Within a stellar lifetime, the solar flux may change. Younger stars produce more EUV, and the early protoatmospheres of Earth, Mars, and Venus likely underwent hydrodynamic escape, which accounts for the noble gas isotope fractionation present in their atmospheres.

Earth earlier in its lifespan likely had a much more hydrogen rich atmosphere that was stripped away by this process and also likely led to the isotope fraction mentioned. It also likely increased oxidation on early Earth due to the photodissociation of water leaving behind oxygen. While some oxygen likely escaped with other heavier molecules, what was left would contribute to early oxidation of Banded iron formations and other deposits.

Mars is one of the planets today that is currently experiencing atmospheric loss and is being actively measured. Some current models are suggesting that hydrodynamic escape on early Mars could have aided in the overall drying and cooling of the martian climate that we observe today.

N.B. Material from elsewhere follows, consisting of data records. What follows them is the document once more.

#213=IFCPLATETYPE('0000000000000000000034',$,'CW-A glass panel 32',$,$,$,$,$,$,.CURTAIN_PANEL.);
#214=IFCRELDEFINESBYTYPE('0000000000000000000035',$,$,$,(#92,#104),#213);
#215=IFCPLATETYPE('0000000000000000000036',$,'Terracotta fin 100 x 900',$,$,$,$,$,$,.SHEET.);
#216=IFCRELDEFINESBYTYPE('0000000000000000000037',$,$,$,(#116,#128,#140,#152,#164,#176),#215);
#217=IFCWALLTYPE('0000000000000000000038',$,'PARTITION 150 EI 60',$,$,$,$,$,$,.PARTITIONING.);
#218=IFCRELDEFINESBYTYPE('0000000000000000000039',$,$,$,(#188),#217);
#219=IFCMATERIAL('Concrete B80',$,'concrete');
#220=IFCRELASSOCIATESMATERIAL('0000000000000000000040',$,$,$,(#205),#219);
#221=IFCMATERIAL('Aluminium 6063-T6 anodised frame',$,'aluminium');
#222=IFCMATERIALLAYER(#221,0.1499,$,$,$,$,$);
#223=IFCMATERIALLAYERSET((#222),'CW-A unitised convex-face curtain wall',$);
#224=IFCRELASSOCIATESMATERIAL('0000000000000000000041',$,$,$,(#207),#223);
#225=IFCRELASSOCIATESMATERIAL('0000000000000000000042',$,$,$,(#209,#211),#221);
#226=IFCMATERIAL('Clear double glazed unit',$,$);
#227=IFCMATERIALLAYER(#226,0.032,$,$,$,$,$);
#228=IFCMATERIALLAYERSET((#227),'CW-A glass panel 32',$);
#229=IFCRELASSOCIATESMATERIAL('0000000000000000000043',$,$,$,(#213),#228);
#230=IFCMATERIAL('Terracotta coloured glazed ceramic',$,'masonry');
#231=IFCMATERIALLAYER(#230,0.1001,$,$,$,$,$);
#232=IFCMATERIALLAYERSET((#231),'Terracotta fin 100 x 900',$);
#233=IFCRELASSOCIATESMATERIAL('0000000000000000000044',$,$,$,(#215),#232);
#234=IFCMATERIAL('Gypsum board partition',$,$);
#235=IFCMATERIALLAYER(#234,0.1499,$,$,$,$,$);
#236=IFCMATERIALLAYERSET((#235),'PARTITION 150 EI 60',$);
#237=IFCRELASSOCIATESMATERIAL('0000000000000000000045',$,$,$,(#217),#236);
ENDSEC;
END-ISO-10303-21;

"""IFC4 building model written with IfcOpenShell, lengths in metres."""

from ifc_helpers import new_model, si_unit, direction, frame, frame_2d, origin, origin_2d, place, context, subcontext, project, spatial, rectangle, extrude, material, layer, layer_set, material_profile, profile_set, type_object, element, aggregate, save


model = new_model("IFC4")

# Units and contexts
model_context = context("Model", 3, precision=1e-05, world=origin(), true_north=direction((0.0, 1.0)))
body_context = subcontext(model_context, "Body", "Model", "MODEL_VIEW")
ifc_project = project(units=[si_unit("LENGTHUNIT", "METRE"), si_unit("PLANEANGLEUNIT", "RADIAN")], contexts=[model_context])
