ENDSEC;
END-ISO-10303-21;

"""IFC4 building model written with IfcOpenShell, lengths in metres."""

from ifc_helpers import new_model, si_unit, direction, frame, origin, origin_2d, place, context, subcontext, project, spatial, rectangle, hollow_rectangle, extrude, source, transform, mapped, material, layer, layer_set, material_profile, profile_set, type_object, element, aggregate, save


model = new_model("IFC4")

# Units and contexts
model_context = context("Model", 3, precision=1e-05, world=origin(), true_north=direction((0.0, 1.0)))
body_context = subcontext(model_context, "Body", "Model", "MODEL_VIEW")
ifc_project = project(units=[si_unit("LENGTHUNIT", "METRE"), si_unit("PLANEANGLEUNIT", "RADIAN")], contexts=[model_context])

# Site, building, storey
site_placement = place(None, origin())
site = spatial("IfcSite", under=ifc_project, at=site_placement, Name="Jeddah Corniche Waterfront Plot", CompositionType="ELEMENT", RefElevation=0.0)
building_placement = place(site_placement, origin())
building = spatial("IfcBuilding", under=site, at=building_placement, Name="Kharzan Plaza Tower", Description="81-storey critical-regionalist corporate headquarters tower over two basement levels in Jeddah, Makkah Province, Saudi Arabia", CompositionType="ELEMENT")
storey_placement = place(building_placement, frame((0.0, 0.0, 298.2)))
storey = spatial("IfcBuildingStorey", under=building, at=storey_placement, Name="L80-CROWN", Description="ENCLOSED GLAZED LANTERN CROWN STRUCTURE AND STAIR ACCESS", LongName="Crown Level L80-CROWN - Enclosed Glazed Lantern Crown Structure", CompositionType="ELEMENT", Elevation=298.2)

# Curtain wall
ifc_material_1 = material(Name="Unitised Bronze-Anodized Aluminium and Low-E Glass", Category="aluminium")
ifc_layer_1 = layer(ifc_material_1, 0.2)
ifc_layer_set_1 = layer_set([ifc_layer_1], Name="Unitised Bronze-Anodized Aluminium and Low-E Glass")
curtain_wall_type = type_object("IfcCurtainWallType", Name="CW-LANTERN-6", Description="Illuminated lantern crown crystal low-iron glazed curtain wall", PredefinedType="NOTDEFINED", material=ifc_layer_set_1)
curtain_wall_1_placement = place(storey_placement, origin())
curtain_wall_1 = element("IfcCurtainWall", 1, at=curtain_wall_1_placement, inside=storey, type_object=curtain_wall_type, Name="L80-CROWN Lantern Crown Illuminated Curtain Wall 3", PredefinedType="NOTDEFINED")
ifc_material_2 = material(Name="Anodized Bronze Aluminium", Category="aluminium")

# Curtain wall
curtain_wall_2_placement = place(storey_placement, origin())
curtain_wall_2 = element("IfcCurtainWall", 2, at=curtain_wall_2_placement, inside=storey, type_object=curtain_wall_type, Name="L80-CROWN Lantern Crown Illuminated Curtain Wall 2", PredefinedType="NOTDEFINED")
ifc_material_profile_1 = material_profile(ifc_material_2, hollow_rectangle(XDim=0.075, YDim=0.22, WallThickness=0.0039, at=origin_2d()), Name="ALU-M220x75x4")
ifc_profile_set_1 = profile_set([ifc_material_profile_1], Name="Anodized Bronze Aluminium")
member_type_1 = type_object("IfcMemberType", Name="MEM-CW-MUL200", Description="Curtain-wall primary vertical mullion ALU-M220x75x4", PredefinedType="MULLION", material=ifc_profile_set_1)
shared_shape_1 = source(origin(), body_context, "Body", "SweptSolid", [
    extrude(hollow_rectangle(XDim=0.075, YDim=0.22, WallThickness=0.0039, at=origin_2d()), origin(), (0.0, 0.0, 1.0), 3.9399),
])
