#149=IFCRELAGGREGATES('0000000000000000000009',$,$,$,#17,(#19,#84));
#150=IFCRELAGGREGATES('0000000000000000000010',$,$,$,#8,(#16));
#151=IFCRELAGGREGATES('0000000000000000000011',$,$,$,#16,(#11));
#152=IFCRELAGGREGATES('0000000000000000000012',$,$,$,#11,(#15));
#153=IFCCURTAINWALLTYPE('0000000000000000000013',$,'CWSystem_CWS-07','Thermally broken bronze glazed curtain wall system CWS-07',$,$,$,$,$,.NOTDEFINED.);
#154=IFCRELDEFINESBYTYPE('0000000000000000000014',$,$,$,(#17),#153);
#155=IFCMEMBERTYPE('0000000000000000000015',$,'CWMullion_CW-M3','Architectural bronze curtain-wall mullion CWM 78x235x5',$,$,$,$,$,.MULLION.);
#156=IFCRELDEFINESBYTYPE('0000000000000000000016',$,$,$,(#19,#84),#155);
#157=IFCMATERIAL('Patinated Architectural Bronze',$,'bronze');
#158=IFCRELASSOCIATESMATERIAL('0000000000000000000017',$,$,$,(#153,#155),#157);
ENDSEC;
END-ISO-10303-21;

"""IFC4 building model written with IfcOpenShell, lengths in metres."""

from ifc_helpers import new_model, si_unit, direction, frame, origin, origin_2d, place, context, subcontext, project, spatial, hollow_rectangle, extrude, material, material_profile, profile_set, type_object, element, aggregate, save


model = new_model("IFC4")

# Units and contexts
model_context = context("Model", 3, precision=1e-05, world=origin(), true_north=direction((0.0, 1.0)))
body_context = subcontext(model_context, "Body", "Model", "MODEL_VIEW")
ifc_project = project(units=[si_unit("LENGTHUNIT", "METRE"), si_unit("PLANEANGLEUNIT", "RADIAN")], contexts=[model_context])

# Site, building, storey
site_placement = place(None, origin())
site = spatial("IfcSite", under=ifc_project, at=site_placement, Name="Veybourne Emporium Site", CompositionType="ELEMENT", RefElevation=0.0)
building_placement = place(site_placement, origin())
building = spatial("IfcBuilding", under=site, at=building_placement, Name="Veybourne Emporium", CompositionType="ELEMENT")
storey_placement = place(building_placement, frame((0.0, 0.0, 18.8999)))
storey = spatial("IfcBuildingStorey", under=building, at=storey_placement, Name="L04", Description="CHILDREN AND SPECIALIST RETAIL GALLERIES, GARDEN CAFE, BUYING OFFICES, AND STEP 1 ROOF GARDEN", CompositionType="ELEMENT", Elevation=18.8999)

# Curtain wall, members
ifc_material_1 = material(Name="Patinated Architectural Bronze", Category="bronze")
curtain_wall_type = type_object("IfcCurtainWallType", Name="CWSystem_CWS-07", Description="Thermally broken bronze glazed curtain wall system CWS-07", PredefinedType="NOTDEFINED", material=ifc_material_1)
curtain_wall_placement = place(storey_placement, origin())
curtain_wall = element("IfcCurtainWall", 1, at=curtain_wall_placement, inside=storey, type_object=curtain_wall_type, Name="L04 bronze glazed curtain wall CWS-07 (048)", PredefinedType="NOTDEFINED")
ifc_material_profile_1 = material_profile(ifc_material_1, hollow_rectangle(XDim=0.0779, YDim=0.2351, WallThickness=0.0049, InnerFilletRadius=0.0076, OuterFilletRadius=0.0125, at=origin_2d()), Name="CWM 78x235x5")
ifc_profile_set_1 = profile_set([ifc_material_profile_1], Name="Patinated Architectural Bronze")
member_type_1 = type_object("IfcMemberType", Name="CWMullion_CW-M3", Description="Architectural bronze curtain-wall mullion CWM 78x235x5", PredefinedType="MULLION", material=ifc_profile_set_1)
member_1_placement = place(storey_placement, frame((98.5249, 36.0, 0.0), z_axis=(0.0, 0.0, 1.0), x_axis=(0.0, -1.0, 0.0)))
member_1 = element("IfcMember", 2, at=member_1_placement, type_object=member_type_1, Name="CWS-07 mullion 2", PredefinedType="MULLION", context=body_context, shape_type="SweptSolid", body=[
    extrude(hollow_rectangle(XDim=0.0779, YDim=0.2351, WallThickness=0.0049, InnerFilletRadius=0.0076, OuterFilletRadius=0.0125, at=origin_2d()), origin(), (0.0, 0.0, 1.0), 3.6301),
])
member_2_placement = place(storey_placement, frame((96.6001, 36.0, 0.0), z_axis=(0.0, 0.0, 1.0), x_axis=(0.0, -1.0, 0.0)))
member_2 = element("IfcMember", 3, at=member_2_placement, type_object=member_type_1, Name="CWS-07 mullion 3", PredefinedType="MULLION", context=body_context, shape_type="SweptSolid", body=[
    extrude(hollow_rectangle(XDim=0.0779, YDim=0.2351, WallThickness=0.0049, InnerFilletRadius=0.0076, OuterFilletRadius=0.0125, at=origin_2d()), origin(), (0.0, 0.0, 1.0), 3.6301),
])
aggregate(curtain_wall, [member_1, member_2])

Venus is of particular interest for planetary scientists because of its extreme atmospheric pressure and temperature. These conditions likely increased hydrodynamic escape on early Venus, coupled with the increased EUV from a younger sun a lot of the water that was present on Venus accumulated in the upper atmosphere and was then broken down allowing hydrogen to escape allowing it to being pulling other larger molecules with it. This is thought to be a heavy contributing factor to why Venus is so dry today and is backed up by the increased deuterium to hydrogen ration in the atmosphere. Studies also indicate that Venus likely lost most of its hydrogen within the first few hundred million years of the solar system forming, which would align with a heightened period of EUV and therefor hydrodynamic escape.

It can be observed from the above table that atmospheric Xe experiences more fractionation than Kr, which seems unreasonable since Xe is heavier than Kr and should be less influenced by hydrodynamic escape than Kr. Actually, according to the formula of hydrodynamic escape flux $\Phi_i$ above, it requires extreme high $\Phi_H$, which can only be achieved during the first 100 Ma of Earth's history when the EUV flux from the young Sun was sufficiently strong. However, from the analysis of ancient atmospheric gases trapped in fluid inclusions contained in minerals of Archean (3.3 Ga) to Paleozoic (404 Ma) rocks, it has been observed that the fractionation of atmospheric Xe was still ongoing at about 2.1 Ga before.

One possible explanation is that Xe may be the only noble gas which escapes as an ion as it is the only noble gas more easily ionized than hydrogen. Ionized Xe^{+} can interact with H^{+} protons via the strong Coulomb force, which effectively decreases the binary diffusion coefficient b(Xe^{+}, H^{+}) by several orders of magnitude compared to the case of neutral Xe. That means it needs lower hydrogen escape fluxes $\Phi_H$ compared with neutral Xe. Actually, its requisite $\Phi_H$ is lower enough to be met during Archean eon, which means the mass-fractionated hydrodynamic escape of Xe can persist during Archean.